I am trying to find frequency of characters in file using Haskell. I want to be able to handle files ~500MB size.
What I've tried till now
It does the job but is a bit slow as it parses the file 256 times
calculateFrequency :: L.ByteString -> [(Word8, Int64)] calculateFrequency f = foldl (\acc x -> (x, L.count x f):acc) [] [255, 254.. 0]
I have also tried using Data.Map but the program runs out of memory (in ghc interpreter).

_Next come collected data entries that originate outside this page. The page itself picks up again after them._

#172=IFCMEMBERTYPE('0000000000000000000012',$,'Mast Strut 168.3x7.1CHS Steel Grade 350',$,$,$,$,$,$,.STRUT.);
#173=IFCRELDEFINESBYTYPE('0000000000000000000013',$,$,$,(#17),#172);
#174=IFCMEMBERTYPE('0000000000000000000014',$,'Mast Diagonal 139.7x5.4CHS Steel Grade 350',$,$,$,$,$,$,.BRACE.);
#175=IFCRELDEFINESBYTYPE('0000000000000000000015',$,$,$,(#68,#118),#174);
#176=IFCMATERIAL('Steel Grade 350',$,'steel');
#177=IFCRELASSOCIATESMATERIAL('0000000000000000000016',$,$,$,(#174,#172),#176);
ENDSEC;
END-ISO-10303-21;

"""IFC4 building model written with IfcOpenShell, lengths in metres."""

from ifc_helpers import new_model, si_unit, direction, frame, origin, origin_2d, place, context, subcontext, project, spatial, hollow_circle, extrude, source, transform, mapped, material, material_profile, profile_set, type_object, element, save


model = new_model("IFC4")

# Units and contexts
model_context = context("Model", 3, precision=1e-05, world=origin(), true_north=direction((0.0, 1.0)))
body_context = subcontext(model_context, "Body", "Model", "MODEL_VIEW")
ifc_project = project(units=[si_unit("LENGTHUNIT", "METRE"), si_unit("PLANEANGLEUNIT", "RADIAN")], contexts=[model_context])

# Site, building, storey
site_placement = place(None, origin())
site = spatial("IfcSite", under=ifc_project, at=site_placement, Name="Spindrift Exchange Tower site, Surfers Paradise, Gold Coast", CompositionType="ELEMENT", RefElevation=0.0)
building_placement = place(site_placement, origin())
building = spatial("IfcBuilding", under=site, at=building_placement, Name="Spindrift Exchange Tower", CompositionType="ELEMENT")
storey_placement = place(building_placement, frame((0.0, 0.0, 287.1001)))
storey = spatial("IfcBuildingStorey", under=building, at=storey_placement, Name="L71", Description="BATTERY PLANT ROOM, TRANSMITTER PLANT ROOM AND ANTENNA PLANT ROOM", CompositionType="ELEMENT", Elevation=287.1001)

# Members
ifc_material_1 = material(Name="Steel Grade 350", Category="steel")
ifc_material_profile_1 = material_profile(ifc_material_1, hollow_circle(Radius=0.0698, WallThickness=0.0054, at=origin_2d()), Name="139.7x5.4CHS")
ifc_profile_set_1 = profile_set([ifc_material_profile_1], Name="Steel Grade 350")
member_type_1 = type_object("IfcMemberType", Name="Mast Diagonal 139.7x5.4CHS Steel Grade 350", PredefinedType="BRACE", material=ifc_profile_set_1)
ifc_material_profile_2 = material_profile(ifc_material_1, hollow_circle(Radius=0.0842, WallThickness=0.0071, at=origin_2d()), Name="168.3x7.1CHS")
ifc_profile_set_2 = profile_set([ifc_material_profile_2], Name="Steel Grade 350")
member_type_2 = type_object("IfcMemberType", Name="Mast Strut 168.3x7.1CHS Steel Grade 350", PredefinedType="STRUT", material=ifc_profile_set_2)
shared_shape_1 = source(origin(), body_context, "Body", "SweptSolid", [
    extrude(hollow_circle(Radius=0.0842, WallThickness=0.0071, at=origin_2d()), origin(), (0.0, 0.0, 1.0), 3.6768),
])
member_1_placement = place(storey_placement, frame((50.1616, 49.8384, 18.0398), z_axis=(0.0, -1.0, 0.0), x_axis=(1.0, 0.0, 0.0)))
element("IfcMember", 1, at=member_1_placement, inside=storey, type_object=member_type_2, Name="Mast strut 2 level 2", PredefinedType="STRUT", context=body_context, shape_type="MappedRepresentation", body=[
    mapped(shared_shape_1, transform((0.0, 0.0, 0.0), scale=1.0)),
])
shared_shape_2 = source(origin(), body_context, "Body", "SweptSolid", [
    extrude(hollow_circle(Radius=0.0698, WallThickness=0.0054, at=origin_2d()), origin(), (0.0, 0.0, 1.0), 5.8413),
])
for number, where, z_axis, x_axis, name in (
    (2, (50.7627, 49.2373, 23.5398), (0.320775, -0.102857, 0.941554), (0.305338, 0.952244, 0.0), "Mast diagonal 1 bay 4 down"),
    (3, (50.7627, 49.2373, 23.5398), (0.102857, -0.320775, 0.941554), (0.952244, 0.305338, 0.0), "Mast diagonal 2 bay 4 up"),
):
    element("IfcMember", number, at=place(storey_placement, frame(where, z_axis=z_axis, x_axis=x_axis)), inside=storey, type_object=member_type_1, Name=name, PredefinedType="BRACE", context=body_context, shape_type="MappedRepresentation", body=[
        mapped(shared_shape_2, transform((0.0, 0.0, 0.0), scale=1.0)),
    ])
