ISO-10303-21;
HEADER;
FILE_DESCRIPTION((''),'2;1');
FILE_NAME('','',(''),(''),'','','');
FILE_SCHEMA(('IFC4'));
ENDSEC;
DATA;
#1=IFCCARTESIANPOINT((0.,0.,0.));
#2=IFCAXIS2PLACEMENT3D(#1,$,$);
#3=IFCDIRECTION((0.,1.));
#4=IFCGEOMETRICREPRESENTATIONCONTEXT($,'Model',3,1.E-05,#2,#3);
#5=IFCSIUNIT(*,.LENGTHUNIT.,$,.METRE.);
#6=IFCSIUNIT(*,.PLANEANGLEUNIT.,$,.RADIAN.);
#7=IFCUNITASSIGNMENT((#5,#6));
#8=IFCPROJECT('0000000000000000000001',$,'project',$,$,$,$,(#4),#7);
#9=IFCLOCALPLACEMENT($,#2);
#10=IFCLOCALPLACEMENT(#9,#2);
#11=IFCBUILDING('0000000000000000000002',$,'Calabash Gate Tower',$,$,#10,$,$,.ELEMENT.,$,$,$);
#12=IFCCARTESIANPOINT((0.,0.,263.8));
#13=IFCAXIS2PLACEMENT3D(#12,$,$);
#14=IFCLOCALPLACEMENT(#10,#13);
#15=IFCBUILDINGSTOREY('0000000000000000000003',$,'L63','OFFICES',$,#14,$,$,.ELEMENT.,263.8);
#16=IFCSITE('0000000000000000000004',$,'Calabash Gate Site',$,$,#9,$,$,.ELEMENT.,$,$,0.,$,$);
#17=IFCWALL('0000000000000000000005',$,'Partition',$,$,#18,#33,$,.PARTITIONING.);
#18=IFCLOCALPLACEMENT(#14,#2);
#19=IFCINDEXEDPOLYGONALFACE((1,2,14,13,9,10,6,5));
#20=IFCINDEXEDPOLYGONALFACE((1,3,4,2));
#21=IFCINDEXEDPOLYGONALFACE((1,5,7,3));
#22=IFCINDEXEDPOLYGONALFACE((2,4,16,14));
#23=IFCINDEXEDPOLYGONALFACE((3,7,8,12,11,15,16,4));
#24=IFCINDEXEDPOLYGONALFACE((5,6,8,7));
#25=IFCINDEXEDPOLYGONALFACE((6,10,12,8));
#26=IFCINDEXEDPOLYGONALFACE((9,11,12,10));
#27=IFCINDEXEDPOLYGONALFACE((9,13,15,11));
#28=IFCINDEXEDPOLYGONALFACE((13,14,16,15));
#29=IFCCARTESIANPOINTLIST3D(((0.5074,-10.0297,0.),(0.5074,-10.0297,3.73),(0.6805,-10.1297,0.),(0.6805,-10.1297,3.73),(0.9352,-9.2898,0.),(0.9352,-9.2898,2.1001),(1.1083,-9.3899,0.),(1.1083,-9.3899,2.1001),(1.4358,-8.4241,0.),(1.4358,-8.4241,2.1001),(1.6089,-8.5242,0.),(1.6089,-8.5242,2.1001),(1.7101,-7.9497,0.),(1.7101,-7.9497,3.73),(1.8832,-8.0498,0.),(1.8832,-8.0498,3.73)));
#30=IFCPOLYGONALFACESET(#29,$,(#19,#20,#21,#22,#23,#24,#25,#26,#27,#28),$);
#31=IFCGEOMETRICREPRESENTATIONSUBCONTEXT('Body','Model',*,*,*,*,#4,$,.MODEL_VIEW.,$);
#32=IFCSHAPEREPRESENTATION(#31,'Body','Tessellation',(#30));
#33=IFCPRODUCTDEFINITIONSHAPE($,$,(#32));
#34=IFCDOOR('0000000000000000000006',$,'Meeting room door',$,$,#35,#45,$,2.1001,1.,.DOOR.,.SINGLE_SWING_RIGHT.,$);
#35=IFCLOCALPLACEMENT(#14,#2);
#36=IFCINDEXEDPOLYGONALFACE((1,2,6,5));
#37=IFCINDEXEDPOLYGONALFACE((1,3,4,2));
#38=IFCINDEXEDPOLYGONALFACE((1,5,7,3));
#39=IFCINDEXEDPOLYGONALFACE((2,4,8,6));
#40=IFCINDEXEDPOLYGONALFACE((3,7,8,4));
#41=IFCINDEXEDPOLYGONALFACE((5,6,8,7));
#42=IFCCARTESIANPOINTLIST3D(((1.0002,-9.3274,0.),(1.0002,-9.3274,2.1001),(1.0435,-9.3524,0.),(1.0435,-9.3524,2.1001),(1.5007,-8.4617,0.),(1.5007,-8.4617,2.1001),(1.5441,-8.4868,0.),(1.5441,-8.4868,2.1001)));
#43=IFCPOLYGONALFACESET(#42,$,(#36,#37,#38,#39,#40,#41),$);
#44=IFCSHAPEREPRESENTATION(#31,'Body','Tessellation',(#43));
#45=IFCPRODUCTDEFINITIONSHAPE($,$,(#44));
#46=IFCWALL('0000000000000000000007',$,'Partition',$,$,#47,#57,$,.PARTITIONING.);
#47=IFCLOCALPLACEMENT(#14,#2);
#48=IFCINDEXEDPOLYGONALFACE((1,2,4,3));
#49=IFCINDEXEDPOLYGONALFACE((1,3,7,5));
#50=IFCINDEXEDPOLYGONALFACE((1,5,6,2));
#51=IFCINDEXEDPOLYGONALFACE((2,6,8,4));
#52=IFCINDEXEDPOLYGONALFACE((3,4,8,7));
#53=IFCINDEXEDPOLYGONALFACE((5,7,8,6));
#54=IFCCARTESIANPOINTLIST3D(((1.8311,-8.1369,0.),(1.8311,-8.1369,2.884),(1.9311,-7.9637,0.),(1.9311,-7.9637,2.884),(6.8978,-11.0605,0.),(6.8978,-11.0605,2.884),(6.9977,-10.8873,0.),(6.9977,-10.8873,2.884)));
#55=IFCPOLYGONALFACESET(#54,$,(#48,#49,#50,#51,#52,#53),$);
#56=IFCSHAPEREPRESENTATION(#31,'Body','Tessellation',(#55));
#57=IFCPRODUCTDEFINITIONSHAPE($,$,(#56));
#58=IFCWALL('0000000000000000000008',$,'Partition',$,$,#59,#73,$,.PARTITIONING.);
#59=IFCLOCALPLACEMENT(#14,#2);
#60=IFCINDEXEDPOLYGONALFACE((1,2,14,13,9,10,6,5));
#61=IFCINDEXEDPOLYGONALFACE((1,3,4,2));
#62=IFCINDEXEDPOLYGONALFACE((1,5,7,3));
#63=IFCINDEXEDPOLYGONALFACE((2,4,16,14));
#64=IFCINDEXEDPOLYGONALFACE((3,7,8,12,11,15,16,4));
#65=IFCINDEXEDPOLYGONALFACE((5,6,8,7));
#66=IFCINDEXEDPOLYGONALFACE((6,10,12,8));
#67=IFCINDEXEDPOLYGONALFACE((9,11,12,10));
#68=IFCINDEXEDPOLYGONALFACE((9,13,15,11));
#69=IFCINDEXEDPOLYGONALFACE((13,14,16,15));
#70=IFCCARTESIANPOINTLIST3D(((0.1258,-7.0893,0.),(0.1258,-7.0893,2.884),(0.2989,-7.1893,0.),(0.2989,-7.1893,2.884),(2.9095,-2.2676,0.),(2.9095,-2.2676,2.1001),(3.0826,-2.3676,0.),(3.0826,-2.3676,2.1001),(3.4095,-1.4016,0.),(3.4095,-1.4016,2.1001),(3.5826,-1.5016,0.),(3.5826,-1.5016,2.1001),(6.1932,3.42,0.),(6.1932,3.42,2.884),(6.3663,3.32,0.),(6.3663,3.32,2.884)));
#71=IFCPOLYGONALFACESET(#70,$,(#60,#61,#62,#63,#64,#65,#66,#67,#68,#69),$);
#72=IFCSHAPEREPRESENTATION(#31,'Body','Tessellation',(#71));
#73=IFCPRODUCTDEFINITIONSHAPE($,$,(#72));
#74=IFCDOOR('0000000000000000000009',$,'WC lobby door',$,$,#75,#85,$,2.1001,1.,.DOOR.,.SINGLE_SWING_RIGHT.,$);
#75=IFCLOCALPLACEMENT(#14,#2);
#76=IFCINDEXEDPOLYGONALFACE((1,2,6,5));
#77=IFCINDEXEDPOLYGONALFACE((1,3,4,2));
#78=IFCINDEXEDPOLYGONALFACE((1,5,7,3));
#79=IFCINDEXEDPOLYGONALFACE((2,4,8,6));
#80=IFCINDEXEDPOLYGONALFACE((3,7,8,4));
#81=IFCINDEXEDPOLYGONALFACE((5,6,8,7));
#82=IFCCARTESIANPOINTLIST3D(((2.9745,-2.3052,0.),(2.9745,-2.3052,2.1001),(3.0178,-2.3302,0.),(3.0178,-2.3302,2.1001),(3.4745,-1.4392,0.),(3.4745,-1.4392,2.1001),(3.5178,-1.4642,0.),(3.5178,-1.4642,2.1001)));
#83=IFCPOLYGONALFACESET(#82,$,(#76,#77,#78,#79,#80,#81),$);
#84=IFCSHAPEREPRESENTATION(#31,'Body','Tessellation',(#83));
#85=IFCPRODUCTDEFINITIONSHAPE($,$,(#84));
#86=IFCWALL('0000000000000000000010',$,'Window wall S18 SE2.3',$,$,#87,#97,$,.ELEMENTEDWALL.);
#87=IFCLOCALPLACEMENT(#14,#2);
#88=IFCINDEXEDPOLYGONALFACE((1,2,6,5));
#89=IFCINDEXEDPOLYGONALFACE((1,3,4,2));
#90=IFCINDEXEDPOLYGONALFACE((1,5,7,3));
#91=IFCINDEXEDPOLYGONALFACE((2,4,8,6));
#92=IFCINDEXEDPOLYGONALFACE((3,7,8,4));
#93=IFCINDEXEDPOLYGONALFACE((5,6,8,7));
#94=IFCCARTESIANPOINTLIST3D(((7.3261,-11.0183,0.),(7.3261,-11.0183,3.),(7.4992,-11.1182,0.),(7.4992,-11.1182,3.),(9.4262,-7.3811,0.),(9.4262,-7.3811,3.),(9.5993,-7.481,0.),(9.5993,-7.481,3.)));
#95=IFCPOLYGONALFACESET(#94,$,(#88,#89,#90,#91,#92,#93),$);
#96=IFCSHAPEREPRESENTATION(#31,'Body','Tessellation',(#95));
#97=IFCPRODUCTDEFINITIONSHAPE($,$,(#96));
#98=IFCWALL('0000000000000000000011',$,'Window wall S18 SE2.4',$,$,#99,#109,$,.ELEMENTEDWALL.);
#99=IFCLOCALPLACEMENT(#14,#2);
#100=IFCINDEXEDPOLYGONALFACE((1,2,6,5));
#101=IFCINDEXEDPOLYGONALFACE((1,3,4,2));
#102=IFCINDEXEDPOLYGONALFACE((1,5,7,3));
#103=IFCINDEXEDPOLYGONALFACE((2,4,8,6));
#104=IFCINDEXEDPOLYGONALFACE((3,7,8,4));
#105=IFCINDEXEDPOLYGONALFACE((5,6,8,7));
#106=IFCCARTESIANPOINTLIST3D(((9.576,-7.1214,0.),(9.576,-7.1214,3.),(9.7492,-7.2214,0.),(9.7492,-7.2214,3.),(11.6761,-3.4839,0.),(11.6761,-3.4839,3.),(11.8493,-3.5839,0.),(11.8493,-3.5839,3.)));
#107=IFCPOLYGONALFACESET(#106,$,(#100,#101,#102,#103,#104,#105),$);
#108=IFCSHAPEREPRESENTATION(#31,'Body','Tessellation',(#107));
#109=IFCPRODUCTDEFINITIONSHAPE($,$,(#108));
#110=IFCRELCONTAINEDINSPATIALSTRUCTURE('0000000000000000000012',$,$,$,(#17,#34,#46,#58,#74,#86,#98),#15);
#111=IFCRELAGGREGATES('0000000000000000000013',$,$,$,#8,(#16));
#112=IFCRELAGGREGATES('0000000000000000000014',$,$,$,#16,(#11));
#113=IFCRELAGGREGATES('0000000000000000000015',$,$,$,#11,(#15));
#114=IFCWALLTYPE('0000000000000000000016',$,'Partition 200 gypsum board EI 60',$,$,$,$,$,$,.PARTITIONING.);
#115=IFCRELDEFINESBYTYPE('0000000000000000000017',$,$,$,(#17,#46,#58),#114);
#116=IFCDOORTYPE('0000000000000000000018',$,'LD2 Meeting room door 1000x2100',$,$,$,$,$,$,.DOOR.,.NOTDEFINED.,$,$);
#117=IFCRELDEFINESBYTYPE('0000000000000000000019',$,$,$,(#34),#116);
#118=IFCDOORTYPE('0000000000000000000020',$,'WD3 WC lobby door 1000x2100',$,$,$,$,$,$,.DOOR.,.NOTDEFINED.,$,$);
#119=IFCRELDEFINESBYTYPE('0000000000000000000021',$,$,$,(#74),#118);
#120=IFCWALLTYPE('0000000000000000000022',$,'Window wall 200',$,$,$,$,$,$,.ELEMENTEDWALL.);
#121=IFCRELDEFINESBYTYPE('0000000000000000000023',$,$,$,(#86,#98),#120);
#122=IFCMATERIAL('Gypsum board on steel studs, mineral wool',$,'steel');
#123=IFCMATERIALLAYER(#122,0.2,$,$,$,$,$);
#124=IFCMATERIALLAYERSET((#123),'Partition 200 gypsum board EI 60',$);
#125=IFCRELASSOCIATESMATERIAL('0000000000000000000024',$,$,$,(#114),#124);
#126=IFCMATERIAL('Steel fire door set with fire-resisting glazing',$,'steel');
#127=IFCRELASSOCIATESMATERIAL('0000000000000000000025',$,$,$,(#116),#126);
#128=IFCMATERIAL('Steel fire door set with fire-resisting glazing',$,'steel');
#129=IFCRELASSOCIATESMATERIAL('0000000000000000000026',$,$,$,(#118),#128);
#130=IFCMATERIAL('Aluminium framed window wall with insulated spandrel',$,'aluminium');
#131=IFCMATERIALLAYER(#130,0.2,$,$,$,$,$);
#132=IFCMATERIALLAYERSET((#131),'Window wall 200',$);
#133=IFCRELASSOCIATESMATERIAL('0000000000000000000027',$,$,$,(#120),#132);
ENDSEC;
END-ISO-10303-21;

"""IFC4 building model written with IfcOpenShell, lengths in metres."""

from ifc_helpers import new_model, si_unit, direction, frame, frame_2d, origin, place, context, subcontext, project, spatial, rectangle, extrude, material, layer, layer_set, type_object, element, fill, save


model = new_model("IFC4")

# Units and contexts
model_context = context("Model", 3, precision=1e-05, world=origin(), true_north=direction((0.0, 1.0)))
body_context = subcontext(model_context, "Body", "Model", "MODEL_VIEW")
ifc_project = project(units=[si_unit("LENGTHUNIT", "METRE"), si_unit("PLANEANGLEUNIT", "RADIAN")], contexts=[model_context])

# Site, building, storey
site_placement = place(None, origin())
site = spatial("IfcSite", under=ifc_project, at=site_placement, Name="Calabash Gate Site", CompositionType="ELEMENT", RefElevation=0.0)
building_placement = place(site_placement, origin())
building = spatial("IfcBuilding", under=site, at=building_placement, Name="Calabash Gate Tower", CompositionType="ELEMENT")
storey_placement = place(building_placement, frame((0.0, 0.0, 263.8)))
storey = spatial("IfcBuildingStorey", under=building, at=storey_placement, Name="L63", Description="OFFICES", CompositionType="ELEMENT", Elevation=263.8)

# Wall, opening, door
ifc_material_1 = material(Name="Gypsum board on steel studs, mineral wool", Category="steel")
ifc_layer_1 = layer(ifc_material_1, 0.2)
ifc_layer_set_1 = layer_set([ifc_layer_1], Name="Partition 200 gypsum board EI 60")
wall_type_1 = type_object("IfcWallType", Name="Partition 200 gypsum board EI 60", PredefinedType="PARTITIONING", material=ifc_layer_set_1)
wall_1_placement = place(storey_placement, frame((0.594, -10.0796, 0.0), z_axis=(0.0, 0.0, 1.0), x_axis=(0.500576, 0.865693, 0.0)))
wall_1 = element("IfcWall", 1, at=wall_1_placement, inside=storey, type_object=wall_type_1, Name="Partition", PredefinedType="PARTITIONING", context=body_context, shape_type="SweptSolid", body=[
    extrude(rectangle(XDim=2.4026, YDim=0.2, at=frame_2d((1.2012, 0.0))), origin(), (0.0, 0.0, 1.0), 3.73),
])
opening_1_placement = place(wall_1_placement, frame((0.8545, 0.0, 0.0)))
opening_1 = element("IfcOpeningElement", 2, at=opening_1_placement, cuts=wall_1, PredefinedType="OPENING", context=body_context, shape_type="SweptSolid", body=[
    extrude(rectangle(XDim=1.0, YDim=2.1001, at=frame_2d((0.5, 1.05))), frame((0.0, 0.1099, 0.0), z_axis=(0.0, -1.0, 0.0), x_axis=(1.0, 0.0, 0.0)), (0.0, 0.0, 1.0), 0.22),
])
ifc_material_2 = material(Name="Steel fire door set with fire-resisting glazing", Category="steel")
door_type_1 = type_object("IfcDoorType", Name="LD2 Meeting room door 1000x2100", OperationType="NOTDEFINED", PredefinedType="DOOR", material=ifc_material_2)
door_1_placement = place(opening_1_placement, origin())
door_1 = element("IfcDoor", 3, at=door_1_placement, inside=storey, type_object=door_type_1, Name="Meeting room door", OperationType="SINGLE_SWING_RIGHT", OverallHeight=2.1001, OverallWidth=1.0, PredefinedType="DOOR", context=body_context, shape_type="SweptSolid", body=[
    extrude(rectangle(XDim=1.0, YDim=2.1001, at=frame_2d((0.5, 1.05))), frame((0.0, 0.0249, 0.0), z_axis=(0.0, -1.0, 0.0), x_axis=(1.0, 0.0, 0.0)), (0.0, 0.0, 1.0), 0.05),
])
fill(opening_1, door_1)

import qualified Data.ByteString.Lazy as L import qualified Data.Map as M calculateFrequency' :: L.ByteString -> [(Word8, Int64)] calculateFrequency' xs = M.toList $ L.foldl' (\m word -> M.insertWith (+) word 1 m) (M.empty) xs
Here's an implementation using mutable, unboxed vectors instead of higher level constructs. It also uses conduit
for reading the file to avoid lazy I/O.
import Control.Monad.IO.Class
import qualified Data.ByteString as S
import Data.Conduit
import Data.Conduit.Binary as CB
import qualified Data.Conduit.List as CL
import qualified Data.Vector.Unboxed.Mutable as VM
import Data.Word (Word8)
type Freq = VM.IOVector Int
newFreq :: MonadIO m => m Freq
newFreq = liftIO $ VM.replicate 256 0
printFreq :: MonadIO m => Freq -> m ()
printFreq freq =
liftIO $ mapM_ go [0..255]
where
go i = do
x <- VM.read freq i
putStrLn $ show i ++ ": " ++ show x
addFreqWord8 :: MonadIO m => Freq -> Word8 -> m ()

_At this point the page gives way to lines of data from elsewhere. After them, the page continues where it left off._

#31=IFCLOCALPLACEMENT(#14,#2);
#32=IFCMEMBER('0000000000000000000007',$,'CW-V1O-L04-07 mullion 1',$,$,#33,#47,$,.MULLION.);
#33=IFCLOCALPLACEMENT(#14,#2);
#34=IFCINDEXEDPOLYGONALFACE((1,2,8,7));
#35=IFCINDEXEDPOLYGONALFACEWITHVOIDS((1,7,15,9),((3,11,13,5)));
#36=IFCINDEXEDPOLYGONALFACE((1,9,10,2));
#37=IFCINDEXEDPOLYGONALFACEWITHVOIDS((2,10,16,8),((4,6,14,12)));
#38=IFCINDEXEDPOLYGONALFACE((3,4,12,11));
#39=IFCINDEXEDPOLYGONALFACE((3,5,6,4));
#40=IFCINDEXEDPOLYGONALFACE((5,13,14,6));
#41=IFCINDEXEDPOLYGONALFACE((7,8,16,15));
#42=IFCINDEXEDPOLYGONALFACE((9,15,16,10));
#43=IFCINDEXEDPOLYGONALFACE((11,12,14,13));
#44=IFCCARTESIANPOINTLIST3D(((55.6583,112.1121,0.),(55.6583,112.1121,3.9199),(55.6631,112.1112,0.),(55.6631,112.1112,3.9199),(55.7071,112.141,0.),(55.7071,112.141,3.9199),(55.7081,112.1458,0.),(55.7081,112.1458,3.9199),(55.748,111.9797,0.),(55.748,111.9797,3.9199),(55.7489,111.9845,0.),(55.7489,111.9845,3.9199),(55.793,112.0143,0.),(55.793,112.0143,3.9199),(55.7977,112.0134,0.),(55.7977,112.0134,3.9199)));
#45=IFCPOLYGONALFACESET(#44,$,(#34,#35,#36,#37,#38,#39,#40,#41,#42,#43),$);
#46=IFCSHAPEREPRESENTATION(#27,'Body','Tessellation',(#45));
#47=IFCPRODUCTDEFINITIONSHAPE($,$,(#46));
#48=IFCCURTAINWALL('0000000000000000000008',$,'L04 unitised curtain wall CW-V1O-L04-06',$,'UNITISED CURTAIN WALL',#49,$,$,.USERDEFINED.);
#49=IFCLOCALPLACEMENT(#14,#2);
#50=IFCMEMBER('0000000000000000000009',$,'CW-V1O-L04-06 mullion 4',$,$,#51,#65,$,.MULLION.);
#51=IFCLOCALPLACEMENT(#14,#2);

addFreqWord8 f w = liftIO $ do
let index = fromIntegral w
oldCount <- VM.read f index
VM.write f index (oldCount + 1)
addFreqBS :: MonadIO m => Freq -> S.ByteString -> m ()
addFreqBS f bs =
loop (S.length bs - 1)
where
loop (-1) = return ()
loop i = do
addFreqWord8 f (S.index bs i)
loop (i - 1)
-- | The main entry point.
main :: IO ()
main = do
freq <- newFreq
runResourceT
$ sourceFile "random"
$$ CL.mapM_ (addFreqBS freq)
printFreq freq
I ran this on 500MB of random data and compared with @josejuan's UArray-based answer:
- conduit based/mutable vectors: 1.006s
- UArray: 17.962s
I think it should be possible to keep much of the elegance of josejuan's high-level approach yet keep the speed of the mutable vector implementation, but I haven't had a chance to try implementing something like that yet. Also, note that with some general purpose helper functions (like Data.ByteString.mapM or Data.Conduit.Binary.mapM) the implementation could be significantly simpler without affecting performance.
You can play with this implementation on FP Haskell Center as well.
EDIT: I added one of those missing functions to conduit
and cleaned up the code a bit; it now looks like the following:
import Control.Monad.Trans.Class (lift)
import Data.ByteString (ByteString)
import Data.Conduit (Consumer, ($$))
import qualified Data.Conduit.Binary as CB
import qualified Data.Vector.Unboxed as V
import qualified Data.Vector.Unboxed.Mutable as VM
import System.IO (stdin)
freqSink :: Consumer ByteString IO (V.Vector Int)
freqSink = do
freq <- lift $ VM.replicate 256 0
CB.mapM_ $ \w -> do
let index = fromIntegral w
oldCount <- VM.read freq index
VM.write freq index (oldCount + 1)
lift $ V.freeze freq
main :: IO ()
main = (CB.sourceHandle stdin $$ freqSink) >>= print
The only difference in functionality is how the frequency is printed.
这篇关于字符的频率的文章就介绍到这了,希望我们推荐的答案对大家有所帮助,也希望大家多多支持IT屋!